Безразгонники — настоящие, а не переделанные из обычных аэропланов — выглядели совершенно не похожими на летательные аппараты. По крайней мере, на те, что приходилось видеть раньше. Они больше напоминали новомодные автомобили, только на трёх колесах, как у обычного аэроплана. Похожесть усиливала форма фюзеляжа и прямоугольная решётка радиатора. На иных даже щёгольские фигурки имелись. Конечно же, как и аэропланы, летуны расписывали свои боевые машины как могли. Обнажённые девушки. Смерть с косой. Карточные колоды. Молнии. И бог его знает что ещё.
Машины, на которых предстояло лететь в бой нам, был выкрашены в нейтрально голубой цвет. Он якобы помогал фюзеляжу аэроплана сливаться с небом. Глупости и предрассудки, конечно, но традиция осталась с первых месяцев войны.

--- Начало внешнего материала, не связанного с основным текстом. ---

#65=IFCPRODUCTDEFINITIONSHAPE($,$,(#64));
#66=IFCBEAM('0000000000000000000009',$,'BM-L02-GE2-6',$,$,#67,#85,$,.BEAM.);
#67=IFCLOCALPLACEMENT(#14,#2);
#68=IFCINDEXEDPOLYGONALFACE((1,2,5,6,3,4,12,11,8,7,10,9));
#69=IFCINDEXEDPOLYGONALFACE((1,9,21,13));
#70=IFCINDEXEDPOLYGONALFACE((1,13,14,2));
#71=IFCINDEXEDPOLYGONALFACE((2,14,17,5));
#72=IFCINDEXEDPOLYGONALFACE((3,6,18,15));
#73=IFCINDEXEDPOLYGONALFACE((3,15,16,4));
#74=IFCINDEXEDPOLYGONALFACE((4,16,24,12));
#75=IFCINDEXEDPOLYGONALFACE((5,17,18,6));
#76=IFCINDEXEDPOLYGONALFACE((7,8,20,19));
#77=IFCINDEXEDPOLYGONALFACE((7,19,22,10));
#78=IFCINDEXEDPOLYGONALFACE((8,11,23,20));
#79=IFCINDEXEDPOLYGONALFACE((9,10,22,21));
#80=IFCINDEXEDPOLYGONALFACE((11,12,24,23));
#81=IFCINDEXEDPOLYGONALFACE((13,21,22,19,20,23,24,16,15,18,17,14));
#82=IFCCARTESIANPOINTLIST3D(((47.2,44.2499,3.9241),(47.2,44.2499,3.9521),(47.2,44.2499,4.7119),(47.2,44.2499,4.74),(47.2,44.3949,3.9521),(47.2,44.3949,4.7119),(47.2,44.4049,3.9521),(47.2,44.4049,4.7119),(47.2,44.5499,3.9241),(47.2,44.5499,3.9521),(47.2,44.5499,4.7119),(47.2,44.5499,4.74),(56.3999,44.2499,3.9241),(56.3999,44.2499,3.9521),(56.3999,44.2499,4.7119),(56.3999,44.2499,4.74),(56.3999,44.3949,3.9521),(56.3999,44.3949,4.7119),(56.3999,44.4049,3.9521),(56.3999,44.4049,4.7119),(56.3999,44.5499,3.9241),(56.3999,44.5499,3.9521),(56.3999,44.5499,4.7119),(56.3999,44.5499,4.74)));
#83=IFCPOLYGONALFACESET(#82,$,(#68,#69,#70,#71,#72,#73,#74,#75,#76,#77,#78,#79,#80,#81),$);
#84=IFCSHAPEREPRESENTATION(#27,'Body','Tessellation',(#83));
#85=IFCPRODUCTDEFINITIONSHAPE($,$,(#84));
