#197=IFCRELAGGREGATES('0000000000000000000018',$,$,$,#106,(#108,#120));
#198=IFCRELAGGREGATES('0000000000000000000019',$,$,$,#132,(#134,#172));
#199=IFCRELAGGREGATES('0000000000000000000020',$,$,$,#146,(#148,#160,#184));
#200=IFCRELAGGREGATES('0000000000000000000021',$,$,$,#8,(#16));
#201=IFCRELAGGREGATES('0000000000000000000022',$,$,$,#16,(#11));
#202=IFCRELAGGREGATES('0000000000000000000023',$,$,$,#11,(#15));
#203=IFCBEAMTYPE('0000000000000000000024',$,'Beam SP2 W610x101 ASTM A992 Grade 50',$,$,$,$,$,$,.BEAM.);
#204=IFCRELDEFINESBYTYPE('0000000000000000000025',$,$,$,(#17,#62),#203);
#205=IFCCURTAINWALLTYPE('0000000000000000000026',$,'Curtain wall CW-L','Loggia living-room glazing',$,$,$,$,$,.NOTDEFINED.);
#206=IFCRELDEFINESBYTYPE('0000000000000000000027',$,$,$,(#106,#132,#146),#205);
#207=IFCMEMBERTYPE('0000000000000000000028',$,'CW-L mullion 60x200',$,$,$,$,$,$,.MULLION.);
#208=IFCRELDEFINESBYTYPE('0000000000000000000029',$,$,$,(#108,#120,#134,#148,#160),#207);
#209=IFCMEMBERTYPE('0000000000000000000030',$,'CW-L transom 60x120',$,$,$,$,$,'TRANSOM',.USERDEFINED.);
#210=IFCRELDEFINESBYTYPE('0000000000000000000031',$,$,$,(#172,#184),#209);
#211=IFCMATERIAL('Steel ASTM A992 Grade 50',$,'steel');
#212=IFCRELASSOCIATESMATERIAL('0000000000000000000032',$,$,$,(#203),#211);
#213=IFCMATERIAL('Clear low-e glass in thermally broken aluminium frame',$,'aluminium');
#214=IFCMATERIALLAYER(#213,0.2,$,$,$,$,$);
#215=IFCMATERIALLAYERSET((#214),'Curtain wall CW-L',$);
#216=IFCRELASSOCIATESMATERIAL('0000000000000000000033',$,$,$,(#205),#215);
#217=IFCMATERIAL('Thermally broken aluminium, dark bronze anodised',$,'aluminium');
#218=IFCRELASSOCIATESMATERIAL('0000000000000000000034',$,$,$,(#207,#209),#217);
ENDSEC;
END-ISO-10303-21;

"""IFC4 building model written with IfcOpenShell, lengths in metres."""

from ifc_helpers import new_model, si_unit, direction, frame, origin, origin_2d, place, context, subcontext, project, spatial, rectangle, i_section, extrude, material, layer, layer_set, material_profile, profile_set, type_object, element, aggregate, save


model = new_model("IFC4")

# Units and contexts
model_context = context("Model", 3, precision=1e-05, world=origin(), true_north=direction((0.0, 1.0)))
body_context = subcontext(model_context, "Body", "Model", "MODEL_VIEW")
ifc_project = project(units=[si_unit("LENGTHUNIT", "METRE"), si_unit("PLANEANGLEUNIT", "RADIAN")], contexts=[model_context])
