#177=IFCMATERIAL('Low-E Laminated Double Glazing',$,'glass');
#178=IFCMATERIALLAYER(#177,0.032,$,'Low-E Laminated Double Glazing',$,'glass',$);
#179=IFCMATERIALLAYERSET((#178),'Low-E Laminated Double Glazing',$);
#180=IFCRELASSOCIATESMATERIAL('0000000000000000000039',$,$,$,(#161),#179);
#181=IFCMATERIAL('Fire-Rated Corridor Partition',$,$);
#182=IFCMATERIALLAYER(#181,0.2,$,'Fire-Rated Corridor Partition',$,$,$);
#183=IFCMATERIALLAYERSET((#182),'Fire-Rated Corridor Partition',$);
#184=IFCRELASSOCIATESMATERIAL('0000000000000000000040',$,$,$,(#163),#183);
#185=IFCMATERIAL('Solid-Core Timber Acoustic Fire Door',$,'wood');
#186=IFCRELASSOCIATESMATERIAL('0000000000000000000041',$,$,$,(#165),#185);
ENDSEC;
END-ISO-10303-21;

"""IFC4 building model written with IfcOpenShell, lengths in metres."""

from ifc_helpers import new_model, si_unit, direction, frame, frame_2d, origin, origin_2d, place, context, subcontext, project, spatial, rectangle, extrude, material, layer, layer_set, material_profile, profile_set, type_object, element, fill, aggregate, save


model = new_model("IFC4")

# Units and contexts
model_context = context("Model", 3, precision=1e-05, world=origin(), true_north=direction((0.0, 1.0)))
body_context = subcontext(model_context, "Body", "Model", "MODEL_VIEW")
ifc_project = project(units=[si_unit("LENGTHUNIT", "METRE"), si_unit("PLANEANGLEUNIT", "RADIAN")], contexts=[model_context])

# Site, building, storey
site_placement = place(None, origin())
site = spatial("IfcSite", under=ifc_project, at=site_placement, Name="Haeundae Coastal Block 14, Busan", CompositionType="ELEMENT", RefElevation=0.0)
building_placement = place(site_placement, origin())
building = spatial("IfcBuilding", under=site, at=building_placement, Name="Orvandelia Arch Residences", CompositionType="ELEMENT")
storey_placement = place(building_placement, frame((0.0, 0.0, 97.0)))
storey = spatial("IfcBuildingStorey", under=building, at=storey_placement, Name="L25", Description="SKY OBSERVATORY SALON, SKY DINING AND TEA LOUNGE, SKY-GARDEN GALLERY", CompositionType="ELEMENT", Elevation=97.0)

— Так-так-так, господа летуны, — выкатился нам навстречу невысокий человек в лётной куртке и безразмерных шароварах, заправленных в ботинки, — это будут ваши машины. Но для начала вам надо представиться начальнику лётной части нашего замечательного корабля. Из вас сформируют эскадрильи, и только после этого вы сможете подняться в небо.
— Времени на эту ерунду нет, — отрезал смутно знакомый летун, стоящий рядом со мной.
— Верно, — поддержал его кто-то из пилотов, державшихся отдельной от нас группой. — Мы только из боя — и нам надо как можно скорее вернуться в небо! Там сейчас слишком жарко!
— Но без этого нельзя, — попытался отстоять свою позицию толстяк. — Должен же быть порядок.
— Послушайте, — шагнул я к нему. — Знаете, как в подобных случаях поступали во время войны?
— И как же? — заинтересовался толстяк.
— Очень просто. Считали летунов и формировали эскадрильи уже после возвращения.
— А как же быть с аэропланами? — не понял толстяк.
— Спишете в расход вместе с летунами.
Ответ был жёстким, как и всё на войне.
— Хватит уже болтать! — вспылил летун из державшихся обособлено. — Аэропланы к вылету готовы? — Толстяк нервно кивнул — Пулемёты заряжены? — Новый кивок. — Значит, разбираем их, братва! По машинам!
Он, похоже, был заводилой у летунов. Неформальным лидером, или кем-то вроде него. А может, и командиром эскадрильи. Но его слов послушались словно команды. Летуны бросились к безразгонникам, заскакивая в ближайшие к ним машины.
— Ты ведущий или ведомый? — обратился ко мне смутно знакомый летун.
— Был ведущим, — ответил я, — но привык давно уже один летать.
— Тогда я буду прикрывать тебе спину, — подмигнул мне летун. — Бери машину. И — в небо!
— Оно с нами, — кивнул я.
И вот уже мы стартуем с палубы. Матросы-аэронавты машут длинными зелёными фонарями, давая нам разрешение на взлёт. Где-то за спиной остаётся толстяк, не видевший по-настоящему ни неба, ни войны. Зато очень любящий порядок. Он глядит нам вслед. Наверное, мы далеко не первые нарушители его любимого порядка. Все мы летуны, по его мнению такие. Одни сплошные нарушители.